The OAuth “dance” was pretty exciting to get working for the first time, it's like OpenID the way it bounces between sites and I think a lot of awesome software will be written with OAuth and OpenID in the future.
— Brian
Brian, simply awesome – I'm going to blog about this tonight if you don't
mind. This further proves my point that microblogging is a technology and
not a service. My friend, Joseph Scott at Automattic would be very
interested to see that as well since he wrote Prologue. Stay tuned tonight
and I'll publish a post about it – you've got an awesome, extendible product
there!
Well, Identi.ca is still very young so I'm sure there are lots of items that I'd like which are under construction.

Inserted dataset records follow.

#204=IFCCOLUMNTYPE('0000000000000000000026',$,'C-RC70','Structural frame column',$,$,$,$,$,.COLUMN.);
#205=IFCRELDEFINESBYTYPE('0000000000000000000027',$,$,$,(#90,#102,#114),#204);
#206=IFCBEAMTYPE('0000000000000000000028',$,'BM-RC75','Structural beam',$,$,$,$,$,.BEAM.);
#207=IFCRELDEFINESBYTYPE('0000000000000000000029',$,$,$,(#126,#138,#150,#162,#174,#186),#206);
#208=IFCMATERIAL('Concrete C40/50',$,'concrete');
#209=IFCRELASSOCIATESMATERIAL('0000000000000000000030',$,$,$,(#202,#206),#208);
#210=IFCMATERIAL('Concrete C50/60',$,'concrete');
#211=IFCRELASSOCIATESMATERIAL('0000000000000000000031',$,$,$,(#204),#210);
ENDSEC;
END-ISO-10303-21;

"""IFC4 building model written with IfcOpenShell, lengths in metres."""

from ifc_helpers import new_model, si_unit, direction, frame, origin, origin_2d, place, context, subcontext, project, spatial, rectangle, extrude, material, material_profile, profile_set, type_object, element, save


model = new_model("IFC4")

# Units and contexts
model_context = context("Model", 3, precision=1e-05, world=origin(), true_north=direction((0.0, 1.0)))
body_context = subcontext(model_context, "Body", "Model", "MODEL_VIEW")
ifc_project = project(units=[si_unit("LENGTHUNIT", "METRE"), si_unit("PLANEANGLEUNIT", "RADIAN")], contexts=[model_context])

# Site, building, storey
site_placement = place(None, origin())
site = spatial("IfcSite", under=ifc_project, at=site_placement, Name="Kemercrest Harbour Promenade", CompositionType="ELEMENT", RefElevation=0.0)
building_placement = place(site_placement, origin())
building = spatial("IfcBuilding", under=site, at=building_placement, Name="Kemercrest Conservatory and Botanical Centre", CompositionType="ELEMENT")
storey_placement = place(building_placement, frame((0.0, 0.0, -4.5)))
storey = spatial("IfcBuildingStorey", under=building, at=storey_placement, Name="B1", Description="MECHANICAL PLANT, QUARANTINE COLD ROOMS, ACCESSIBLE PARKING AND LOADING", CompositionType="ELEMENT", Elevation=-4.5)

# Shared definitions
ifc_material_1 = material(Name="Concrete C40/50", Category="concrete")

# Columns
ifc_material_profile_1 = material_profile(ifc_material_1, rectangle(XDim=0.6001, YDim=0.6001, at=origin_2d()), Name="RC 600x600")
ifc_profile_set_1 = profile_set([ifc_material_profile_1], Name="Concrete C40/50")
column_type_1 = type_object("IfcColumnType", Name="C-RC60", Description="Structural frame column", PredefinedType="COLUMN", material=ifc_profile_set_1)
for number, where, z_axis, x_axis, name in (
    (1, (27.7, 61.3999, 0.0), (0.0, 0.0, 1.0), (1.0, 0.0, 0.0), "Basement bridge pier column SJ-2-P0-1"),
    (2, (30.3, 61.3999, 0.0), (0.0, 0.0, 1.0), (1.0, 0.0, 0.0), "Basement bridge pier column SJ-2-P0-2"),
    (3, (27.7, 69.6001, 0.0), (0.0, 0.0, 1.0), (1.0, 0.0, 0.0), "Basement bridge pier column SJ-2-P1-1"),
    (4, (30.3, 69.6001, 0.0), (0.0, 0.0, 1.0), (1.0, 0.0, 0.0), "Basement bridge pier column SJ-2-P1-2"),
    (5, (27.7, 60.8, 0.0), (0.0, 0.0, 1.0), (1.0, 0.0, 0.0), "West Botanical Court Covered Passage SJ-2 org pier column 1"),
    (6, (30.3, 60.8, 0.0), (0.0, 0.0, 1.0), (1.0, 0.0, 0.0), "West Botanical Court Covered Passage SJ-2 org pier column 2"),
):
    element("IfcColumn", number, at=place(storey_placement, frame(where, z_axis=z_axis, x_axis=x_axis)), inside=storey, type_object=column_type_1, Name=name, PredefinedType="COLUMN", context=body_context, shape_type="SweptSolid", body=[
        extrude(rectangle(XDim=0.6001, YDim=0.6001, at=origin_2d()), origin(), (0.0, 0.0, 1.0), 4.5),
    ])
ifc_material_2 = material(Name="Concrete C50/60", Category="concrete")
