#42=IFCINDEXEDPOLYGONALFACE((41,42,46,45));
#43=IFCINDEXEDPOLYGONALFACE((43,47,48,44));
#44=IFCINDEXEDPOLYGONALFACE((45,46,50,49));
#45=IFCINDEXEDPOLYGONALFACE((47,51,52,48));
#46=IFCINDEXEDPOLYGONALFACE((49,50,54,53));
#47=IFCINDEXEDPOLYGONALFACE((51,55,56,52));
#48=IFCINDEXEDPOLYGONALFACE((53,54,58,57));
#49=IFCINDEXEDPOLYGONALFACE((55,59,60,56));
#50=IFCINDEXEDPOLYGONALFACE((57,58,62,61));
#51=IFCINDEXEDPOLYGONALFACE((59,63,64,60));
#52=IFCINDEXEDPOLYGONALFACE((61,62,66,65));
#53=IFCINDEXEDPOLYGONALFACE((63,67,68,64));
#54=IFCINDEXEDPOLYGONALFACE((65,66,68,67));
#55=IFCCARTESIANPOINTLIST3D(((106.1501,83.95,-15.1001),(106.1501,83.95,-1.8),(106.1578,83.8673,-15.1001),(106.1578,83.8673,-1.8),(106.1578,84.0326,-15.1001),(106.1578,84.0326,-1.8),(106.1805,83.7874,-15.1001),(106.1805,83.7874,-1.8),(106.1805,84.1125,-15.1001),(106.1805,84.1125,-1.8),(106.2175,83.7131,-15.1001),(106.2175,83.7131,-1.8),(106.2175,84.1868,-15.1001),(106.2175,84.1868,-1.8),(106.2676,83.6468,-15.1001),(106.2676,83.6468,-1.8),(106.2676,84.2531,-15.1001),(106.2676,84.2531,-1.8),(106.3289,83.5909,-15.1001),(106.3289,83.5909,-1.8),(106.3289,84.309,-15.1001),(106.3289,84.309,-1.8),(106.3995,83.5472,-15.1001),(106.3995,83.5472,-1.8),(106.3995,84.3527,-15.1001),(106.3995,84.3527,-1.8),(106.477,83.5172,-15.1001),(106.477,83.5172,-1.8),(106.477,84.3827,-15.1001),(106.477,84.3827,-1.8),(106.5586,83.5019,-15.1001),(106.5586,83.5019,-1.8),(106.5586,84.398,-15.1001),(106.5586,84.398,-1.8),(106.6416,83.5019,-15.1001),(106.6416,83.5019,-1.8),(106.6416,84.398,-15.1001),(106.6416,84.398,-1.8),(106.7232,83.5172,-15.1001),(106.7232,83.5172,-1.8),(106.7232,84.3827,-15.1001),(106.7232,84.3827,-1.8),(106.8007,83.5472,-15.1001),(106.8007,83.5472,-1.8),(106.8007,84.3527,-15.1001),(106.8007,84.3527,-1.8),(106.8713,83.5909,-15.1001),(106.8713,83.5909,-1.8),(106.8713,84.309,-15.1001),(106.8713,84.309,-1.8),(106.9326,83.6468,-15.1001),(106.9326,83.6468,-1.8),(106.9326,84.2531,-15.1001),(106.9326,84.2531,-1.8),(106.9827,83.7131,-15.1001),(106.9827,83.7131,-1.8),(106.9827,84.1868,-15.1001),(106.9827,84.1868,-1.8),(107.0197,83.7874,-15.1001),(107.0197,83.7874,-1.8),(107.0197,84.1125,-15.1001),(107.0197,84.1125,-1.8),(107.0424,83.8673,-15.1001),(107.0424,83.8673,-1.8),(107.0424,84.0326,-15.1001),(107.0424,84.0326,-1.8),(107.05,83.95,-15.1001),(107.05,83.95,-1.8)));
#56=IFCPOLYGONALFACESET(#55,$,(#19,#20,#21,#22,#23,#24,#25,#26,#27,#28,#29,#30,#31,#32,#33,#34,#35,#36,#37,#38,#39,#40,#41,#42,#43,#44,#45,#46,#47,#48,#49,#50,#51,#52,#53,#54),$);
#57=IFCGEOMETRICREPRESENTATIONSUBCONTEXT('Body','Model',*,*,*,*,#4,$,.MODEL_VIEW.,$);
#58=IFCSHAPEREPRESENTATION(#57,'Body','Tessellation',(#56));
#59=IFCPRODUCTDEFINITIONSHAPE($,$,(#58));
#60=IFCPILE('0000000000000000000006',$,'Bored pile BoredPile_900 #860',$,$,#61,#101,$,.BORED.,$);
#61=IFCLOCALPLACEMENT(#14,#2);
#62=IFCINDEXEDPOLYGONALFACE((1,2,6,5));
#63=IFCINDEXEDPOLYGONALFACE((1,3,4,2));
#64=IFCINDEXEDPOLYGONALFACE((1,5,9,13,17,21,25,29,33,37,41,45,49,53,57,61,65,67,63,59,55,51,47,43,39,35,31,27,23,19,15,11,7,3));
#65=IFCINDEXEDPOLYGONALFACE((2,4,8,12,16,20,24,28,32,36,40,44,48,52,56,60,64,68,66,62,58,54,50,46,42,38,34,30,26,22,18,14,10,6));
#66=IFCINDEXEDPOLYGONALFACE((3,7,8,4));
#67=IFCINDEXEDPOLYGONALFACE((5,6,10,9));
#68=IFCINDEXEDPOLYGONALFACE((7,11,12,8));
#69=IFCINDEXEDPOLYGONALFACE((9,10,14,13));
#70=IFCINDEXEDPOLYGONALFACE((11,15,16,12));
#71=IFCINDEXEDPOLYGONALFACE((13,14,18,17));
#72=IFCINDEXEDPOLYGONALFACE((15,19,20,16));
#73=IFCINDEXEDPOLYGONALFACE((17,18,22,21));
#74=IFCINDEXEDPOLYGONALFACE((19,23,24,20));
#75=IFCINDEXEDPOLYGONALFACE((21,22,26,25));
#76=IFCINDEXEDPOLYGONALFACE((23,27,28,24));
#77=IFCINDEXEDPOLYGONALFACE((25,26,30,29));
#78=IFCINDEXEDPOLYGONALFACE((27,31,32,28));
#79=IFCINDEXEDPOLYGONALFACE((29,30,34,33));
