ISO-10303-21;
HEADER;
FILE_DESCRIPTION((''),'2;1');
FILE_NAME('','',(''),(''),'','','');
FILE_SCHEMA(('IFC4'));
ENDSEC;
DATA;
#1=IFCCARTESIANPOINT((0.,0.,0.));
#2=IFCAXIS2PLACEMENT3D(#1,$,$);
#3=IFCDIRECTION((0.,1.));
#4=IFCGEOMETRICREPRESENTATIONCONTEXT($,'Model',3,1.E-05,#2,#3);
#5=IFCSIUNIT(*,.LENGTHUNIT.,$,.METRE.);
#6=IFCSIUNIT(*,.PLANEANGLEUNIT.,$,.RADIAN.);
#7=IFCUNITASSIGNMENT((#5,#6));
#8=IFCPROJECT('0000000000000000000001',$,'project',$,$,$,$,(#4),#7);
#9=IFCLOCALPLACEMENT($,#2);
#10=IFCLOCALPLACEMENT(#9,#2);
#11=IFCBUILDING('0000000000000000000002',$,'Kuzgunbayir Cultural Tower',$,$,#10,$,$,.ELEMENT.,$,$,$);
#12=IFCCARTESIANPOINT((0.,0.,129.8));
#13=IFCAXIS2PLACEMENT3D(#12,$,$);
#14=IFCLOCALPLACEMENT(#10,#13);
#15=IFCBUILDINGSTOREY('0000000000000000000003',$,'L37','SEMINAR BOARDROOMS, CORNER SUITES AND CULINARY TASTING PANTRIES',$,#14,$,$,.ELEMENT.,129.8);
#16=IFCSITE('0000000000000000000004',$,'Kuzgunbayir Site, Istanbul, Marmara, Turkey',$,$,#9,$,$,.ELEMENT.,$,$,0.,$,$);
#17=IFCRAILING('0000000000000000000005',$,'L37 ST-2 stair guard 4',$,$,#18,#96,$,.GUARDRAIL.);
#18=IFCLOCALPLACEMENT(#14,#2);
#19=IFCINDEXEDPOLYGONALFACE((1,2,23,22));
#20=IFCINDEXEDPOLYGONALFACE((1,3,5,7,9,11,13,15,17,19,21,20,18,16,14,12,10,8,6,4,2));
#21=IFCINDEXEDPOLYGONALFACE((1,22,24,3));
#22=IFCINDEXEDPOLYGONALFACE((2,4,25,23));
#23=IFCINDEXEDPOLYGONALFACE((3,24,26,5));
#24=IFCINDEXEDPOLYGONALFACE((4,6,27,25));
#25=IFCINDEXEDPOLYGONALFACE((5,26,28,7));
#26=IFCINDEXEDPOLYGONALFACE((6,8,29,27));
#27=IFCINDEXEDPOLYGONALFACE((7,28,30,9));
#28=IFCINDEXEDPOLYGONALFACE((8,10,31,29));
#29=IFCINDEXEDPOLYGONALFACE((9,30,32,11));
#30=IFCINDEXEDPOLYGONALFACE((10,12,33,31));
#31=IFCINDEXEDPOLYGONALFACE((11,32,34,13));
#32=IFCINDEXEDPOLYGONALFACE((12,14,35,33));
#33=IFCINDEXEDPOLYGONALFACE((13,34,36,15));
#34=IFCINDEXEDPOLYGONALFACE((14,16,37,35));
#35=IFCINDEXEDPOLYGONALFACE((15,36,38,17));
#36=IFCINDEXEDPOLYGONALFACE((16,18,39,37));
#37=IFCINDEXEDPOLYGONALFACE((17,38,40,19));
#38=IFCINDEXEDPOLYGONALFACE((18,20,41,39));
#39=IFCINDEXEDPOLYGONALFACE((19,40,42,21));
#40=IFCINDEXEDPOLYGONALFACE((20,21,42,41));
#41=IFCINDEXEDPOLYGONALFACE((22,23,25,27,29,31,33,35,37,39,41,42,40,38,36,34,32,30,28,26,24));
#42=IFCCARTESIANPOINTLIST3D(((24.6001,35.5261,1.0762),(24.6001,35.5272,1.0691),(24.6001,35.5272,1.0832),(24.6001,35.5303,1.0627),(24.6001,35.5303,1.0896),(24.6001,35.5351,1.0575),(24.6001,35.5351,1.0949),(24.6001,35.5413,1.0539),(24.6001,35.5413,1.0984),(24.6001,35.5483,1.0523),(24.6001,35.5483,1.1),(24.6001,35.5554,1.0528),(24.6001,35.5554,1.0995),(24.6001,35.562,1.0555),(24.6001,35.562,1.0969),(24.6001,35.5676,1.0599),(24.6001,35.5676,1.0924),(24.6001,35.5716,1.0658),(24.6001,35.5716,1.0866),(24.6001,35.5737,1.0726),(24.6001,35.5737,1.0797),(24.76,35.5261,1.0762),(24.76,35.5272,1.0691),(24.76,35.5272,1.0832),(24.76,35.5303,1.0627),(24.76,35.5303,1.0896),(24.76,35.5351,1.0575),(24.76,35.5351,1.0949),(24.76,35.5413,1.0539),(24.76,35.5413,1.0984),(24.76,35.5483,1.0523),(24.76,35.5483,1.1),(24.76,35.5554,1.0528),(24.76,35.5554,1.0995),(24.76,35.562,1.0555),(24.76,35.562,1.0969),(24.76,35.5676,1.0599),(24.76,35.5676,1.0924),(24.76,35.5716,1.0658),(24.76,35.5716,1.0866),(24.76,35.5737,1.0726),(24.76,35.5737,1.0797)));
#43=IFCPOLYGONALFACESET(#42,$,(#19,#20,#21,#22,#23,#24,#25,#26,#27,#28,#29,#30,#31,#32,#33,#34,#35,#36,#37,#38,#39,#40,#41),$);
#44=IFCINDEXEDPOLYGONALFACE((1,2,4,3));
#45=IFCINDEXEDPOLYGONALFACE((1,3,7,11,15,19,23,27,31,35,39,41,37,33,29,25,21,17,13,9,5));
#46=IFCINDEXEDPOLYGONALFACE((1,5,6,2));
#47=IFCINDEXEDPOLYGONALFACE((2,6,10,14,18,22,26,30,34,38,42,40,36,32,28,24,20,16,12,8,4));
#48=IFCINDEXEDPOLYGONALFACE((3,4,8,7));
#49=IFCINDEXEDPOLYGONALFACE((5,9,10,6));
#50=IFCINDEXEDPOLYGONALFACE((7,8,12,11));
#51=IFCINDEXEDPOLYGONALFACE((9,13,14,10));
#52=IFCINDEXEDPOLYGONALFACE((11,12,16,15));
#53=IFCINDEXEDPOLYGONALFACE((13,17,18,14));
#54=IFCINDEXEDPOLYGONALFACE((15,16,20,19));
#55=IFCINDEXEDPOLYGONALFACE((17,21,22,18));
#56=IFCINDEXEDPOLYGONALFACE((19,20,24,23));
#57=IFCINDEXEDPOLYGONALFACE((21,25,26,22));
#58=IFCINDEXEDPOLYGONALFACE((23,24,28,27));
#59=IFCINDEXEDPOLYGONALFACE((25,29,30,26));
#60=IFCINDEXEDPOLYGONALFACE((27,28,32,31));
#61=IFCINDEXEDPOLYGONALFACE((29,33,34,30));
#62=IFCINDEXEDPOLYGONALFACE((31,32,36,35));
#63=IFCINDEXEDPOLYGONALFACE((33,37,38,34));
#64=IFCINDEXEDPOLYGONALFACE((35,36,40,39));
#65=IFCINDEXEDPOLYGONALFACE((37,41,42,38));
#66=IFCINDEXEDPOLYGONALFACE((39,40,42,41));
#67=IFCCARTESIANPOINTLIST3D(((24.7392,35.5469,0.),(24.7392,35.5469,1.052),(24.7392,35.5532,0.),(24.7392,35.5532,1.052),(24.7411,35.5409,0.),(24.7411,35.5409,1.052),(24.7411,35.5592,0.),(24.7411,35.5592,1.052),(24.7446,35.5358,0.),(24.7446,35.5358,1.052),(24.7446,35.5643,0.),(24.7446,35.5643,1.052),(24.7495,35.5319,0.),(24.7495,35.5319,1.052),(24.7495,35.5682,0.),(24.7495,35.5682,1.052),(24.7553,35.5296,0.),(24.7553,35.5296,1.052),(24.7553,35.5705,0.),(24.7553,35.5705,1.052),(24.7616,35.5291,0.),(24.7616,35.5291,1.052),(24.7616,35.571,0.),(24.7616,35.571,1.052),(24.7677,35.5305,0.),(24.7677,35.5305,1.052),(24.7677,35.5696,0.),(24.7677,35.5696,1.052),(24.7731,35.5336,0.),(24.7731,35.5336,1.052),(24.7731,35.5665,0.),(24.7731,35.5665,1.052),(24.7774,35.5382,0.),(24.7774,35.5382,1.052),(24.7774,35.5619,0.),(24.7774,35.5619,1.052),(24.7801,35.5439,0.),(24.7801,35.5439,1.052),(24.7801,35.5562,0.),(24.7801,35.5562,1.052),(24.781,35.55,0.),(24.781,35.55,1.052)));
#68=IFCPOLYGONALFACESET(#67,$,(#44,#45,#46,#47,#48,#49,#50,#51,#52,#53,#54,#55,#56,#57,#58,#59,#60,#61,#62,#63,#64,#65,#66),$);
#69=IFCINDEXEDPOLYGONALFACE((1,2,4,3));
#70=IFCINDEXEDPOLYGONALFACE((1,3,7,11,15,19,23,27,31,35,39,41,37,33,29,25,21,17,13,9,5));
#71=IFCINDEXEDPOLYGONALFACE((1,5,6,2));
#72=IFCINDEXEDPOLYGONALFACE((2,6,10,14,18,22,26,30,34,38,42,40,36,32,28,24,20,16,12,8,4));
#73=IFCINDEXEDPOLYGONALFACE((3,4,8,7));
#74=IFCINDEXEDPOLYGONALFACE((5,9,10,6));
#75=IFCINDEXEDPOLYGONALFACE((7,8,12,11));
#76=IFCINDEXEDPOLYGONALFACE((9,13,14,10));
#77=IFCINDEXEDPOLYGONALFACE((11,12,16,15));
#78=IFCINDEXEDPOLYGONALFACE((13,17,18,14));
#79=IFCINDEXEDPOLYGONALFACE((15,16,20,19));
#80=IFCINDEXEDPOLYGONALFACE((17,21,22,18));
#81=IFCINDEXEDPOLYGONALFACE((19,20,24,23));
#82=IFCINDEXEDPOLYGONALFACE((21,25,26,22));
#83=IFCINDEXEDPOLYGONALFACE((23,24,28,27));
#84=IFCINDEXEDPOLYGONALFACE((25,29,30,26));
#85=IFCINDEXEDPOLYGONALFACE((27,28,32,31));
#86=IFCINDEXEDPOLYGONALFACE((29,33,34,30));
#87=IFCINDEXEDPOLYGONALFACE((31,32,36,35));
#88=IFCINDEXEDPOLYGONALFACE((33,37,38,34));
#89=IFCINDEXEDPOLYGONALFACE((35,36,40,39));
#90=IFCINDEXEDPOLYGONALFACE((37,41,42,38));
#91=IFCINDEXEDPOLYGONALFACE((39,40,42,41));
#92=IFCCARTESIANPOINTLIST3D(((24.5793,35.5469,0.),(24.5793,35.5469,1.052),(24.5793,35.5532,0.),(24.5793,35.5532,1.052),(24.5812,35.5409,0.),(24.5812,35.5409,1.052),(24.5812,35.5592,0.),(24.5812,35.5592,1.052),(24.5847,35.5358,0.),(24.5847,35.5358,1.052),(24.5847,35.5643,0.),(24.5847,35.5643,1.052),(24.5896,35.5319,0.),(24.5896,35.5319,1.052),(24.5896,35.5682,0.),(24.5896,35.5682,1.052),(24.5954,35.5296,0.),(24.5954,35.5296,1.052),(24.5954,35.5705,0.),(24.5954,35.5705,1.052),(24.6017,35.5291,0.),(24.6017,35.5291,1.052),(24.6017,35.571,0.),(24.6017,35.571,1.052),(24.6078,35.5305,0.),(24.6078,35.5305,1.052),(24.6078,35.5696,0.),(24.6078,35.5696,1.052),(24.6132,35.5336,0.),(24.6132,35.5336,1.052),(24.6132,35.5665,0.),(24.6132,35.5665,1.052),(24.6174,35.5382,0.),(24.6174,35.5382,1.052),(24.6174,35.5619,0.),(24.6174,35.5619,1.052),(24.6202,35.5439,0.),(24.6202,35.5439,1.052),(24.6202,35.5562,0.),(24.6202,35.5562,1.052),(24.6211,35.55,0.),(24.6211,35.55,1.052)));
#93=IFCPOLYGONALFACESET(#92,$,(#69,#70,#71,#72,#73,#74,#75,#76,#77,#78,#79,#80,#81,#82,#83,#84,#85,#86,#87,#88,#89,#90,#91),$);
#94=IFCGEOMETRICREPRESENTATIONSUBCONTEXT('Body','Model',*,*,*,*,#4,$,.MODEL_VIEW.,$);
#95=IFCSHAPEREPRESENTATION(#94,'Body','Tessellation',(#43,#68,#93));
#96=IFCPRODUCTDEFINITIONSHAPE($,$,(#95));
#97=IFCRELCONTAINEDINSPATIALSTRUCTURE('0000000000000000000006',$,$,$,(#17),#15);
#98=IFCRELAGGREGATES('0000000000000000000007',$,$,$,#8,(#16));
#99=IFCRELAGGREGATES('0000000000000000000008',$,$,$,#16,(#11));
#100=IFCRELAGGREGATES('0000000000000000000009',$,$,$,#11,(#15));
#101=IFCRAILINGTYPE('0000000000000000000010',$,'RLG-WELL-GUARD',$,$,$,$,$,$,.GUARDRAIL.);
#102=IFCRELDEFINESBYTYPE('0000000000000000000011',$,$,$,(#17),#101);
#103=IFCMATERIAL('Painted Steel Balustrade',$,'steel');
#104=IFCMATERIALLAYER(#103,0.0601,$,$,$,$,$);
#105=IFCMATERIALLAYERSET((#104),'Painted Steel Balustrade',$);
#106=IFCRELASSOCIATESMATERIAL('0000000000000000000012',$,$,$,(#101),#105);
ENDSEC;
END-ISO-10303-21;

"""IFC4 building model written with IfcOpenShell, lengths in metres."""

from ifc_helpers import new_model, si_unit, direction, frame, origin, origin_2d, place, context, subcontext, project, spatial, circle, extrude, material, layer, layer_set, type_object, element, save


model = new_model("IFC4")

# Units and contexts
model_context = context("Model", 3, precision=1e-05, world=origin(), true_north=direction((0.0, 1.0)))
body_context = subcontext(model_context, "Body", "Model", "MODEL_VIEW")
ifc_project = project(units=[si_unit("LENGTHUNIT", "METRE"), si_unit("PLANEANGLEUNIT", "RADIAN")], contexts=[model_context])

# Site, building, storey
site_placement = place(None, origin())
site = spatial("IfcSite", under=ifc_project, at=site_placement, Name="Kuzgunbayir Site, Istanbul, Marmara, Turkey", CompositionType="ELEMENT", RefElevation=0.0)
building_placement = place(site_placement, origin())
building = spatial("IfcBuilding", under=site, at=building_placement, Name="Kuzgunbayir Cultural Tower", CompositionType="ELEMENT")
storey_placement = place(building_placement, frame((0.0, 0.0, 129.8)))
storey = spatial("IfcBuildingStorey", under=building, at=storey_placement, Name="L37", Description="SEMINAR BOARDROOMS, CORNER SUITES AND CULINARY TASTING PANTRIES", CompositionType="ELEMENT", Elevation=129.8)

# Railing
ifc_material_1 = material(Name="Painted Steel Balustrade", Category="steel")
ifc_layer_1 = layer(ifc_material_1, 0.0601)
ifc_layer_set_1 = layer_set([ifc_layer_1], Name="Painted Steel Balustrade")
railing_type_1 = type_object("IfcRailingType", Name="RLG-WELL-GUARD", PredefinedType="GUARDRAIL", material=ifc_layer_set_1)
railing_1_placement = place(storey_placement, frame((24.76, 35.55, 0.0)))
element("IfcRailing", 1, at=railing_1_placement, inside=storey, type_object=railing_type_1, Name="L37 ST-2 stair guard 4", PredefinedType="GUARDRAIL", context=body_context, shape_type="SweptSolid", body=[
    extrude(circle(Radius=0.0239, at=origin_2d()), frame((0.0, 0.0, 1.0762), z_axis=(-1.0, 0.0, 0.0), x_axis=(0.0, -1.0, 0.0)), (0.0, 0.0, 1.0), 0.1599),
    extrude(circle(Radius=0.021, at=origin_2d()), origin(), (0.0, 0.0, 1.0), 1.052),
    extrude(circle(Radius=0.021, at=origin_2d()), frame((-0.1599, 0.0, 0.0)), (0.0, 0.0, 1.0), 1.052),
])

save(model, "model.ifc")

My primary interests are with the OpenMicroBlogging protocol, and Laconi.ca. OMB needs serious work – a bit more democracy around it and better documentation. I'm still not sure how various Laconica sites interact with each other. It would be nice to see OMB as something can be viewed as truly open and something anyone could build a service off of, with or without using Laconi.ca as the server backend.
Vision-wise I'd love to see these services take the whole field past the “Twitter replacement” concept and more into the evolution of the behavior. Even the term “micro blogging” is misleading, since many examples of Twitter user behavior have nothing to do with blogging or even status updates, especially in the case of interacting with various Twitter-API dependent sites. I've started calling it “published short messaging”, which is deliberately more open-ended.
In some ways I'd like to see OMB or Laconica evolve into something that could be installed everywhere, as ubiquitous as email. In some ways it should be just a feature for an ISP or social networking site rather than services unto themselves. It would dissolve Identi.ca, Twitter, Pownce or Plurk as “microblogging” brands though – I suppose these services would simply become specialized published short messaging communities…
Anyhow, there's my little rant on the subject – thanks for the writeup!
Hey Brian – so glad my blog could be one of your first comments! Did you
implement that with your own code, or using Laconi.ca out of curiosity?
It's very nice regardless – would love to know more about how you
implemented it.
Hi everybody, this is one of my first blog comments evar, but I think i'm the first guy to be so taken with the omb spec that I implemented it myself.
I first bookmarked it on June 16 and started working on my implementation right away, leaning on the diso-project's OAuth/XRDS wordpress plugins I had some of the spec working when Laconi.ca and Identi.ca were announced 2 weeks later.
From there I grabbed Laconi.ca and started to make my service compatible.
Anyway, the reason I'm posting a comment here is because of Ron's comment about “could be installed everywhere” — that's a huge part of how I write PHP code. In fact my implementation of omb should work on Mac, Linux, Windows, PostgreSQL, MySQL, PHP4, PHP5 etc.
Check it out here:
http://openmicroblogger.com
http://openmicroblogger.org
Thanks, and thanks especially to Evan for putting together OAuth/XRDS etc into something really useful and fun.
— Brian
Ah, very cool. Thanks for the follow up.
Ah, very cool. Thanks for the follow up.